Kiger shakes his head. “Negative. Looks like a paintball shooter. You know-a big toy gun. Black plastic. Molded to look like an army rifle.”
“Most likely a Tripman A-5 with reactive trigger,” Ceepak says. Then he turns to me because he knows I'm totally confused. “Same as rifle number three at Paintball Blasters on the boardwalk. I checked last night. Weese wanted to practice on the same type of gun, see if he could manipulate the trigger action while gloved.”
While I was passed out on that sofa outside the ICU, Ceepak was back here working the case.
A Ford Expedition crunches up the street. Chief Baines.
“What've we got, Ceepak?”
“Potential suspect, sir.”
“Weese? From the Chamber?”
“His son. George.”
“Do we know where this George Weese is presently located?” The chief reaches for the shoulder microphone to his radio, ready to call in strike coordinates on our sniper.
“No, sir. We've posted an APB based on witness descriptions.”
“And,” Kiger says, “we have his father and mother inside. Also the suspect's wife and children. Malloy's in there with them, making sure nobody tells Georgie Porgie the cavalry's coming.”
“What's the prevailing mood?” Baines is curious. “Inside?”
Kiger smiles. “Pissed off, sir.”
The chief nods, turns to Ceepak.
“John?”
“Yes, sir?”
“You sure about this? You sure George Weese is your guy?”
“It's where all the evidence leads, sir.”
The chief checks his watch, nods his head.
“Let's go nail the bastard.”
Looks like we might beat that noon deadline after all.
“This is preposterous.

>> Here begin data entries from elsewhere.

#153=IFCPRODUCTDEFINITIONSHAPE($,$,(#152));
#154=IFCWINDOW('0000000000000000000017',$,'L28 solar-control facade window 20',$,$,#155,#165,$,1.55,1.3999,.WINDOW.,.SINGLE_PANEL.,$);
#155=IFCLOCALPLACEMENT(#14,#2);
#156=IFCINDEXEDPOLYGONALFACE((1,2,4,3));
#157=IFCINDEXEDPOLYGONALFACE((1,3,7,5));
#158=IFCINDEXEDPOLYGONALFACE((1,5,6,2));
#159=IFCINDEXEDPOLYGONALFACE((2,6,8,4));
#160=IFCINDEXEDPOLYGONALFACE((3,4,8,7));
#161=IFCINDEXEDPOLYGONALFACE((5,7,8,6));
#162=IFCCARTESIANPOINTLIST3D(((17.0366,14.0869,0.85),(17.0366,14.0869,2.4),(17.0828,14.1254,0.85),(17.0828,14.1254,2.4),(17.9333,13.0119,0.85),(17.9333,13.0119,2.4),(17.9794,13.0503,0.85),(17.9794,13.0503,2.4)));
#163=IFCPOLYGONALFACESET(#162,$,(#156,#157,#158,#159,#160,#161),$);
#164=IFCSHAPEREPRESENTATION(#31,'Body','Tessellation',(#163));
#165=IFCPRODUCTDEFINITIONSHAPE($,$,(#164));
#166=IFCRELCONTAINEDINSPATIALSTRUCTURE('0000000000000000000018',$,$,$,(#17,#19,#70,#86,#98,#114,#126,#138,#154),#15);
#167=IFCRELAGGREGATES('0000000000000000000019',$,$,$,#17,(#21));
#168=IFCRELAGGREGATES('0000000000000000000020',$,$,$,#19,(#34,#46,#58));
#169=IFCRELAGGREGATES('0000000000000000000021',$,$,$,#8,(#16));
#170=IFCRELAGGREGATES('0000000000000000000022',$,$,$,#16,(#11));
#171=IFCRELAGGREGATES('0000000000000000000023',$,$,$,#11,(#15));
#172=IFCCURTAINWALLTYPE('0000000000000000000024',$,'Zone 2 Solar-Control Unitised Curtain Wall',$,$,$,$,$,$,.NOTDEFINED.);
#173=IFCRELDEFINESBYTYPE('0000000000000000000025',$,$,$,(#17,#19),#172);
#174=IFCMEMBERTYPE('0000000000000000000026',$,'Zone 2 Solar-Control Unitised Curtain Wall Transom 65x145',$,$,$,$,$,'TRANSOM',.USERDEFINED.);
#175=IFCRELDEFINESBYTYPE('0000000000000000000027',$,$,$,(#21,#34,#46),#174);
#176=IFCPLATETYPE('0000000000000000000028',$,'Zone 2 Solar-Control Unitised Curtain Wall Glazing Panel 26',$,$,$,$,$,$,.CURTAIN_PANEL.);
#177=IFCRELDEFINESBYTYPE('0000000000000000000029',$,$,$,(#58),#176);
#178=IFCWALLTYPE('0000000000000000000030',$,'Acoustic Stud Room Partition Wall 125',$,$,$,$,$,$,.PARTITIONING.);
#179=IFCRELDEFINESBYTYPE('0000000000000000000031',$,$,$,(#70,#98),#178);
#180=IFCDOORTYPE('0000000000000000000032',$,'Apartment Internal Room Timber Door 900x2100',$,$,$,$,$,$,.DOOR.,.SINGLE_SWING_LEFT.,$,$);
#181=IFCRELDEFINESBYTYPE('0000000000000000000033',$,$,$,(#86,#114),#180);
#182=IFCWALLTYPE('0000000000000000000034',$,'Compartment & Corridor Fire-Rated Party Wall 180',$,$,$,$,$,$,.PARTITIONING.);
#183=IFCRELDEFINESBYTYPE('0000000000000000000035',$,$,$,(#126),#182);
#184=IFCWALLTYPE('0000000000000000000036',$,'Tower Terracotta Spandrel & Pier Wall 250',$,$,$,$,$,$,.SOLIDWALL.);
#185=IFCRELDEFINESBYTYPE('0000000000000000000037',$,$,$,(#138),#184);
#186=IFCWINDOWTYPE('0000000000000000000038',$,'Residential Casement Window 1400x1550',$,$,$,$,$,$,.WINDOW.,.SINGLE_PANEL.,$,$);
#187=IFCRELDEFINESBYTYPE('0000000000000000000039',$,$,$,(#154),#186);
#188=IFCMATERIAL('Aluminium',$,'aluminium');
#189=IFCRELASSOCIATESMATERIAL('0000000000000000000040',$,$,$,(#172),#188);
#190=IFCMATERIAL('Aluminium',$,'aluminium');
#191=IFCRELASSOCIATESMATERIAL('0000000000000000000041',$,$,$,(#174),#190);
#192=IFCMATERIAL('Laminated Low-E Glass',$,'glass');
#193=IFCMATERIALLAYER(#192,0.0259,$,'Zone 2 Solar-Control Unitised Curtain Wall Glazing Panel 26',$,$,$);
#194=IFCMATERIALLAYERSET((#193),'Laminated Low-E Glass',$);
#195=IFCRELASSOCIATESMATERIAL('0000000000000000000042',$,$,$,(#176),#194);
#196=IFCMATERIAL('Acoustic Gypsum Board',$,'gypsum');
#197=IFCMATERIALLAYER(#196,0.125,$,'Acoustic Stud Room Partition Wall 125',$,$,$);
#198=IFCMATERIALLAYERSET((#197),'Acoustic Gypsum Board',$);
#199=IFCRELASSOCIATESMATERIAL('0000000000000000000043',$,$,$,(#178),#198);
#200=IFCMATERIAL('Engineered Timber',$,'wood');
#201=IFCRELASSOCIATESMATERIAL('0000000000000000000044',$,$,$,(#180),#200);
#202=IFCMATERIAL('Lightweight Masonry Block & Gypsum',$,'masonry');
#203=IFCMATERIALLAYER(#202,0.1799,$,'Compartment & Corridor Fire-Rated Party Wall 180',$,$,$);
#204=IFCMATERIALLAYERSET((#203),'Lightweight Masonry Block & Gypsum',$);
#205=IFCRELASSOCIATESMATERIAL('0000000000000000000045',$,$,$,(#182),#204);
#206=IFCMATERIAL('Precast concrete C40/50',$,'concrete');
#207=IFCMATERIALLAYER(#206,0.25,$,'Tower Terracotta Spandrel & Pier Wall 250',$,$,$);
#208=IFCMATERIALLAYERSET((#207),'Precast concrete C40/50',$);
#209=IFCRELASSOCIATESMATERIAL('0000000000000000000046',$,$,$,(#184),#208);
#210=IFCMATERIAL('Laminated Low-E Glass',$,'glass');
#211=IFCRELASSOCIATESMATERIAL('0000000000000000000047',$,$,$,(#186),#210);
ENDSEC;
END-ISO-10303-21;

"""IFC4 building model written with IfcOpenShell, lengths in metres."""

George would never do such a thing.” This is his mother talking, naturally. She's short and chubby and chain smokes.
Two little kids bawl and screech in a playpen in the middle of the living room. One, a boy, looks to be almost two years old. The other? I don't know. I'm no good at guessing how old babies are supposed to be. I wish they had rings I could count like with trees. Maybe the little one's nine or ten months. The way it screams? Got the lungs of a twelve-year-old. Both kids have tears streaming down their cheeks and snot dripping out their noses, and it all ends up as crusty green stuff on top of their lips. There's reason to suspect the small one has a load in its pants, too. Either that, or Mrs. Weese is cooking something foul for brunch.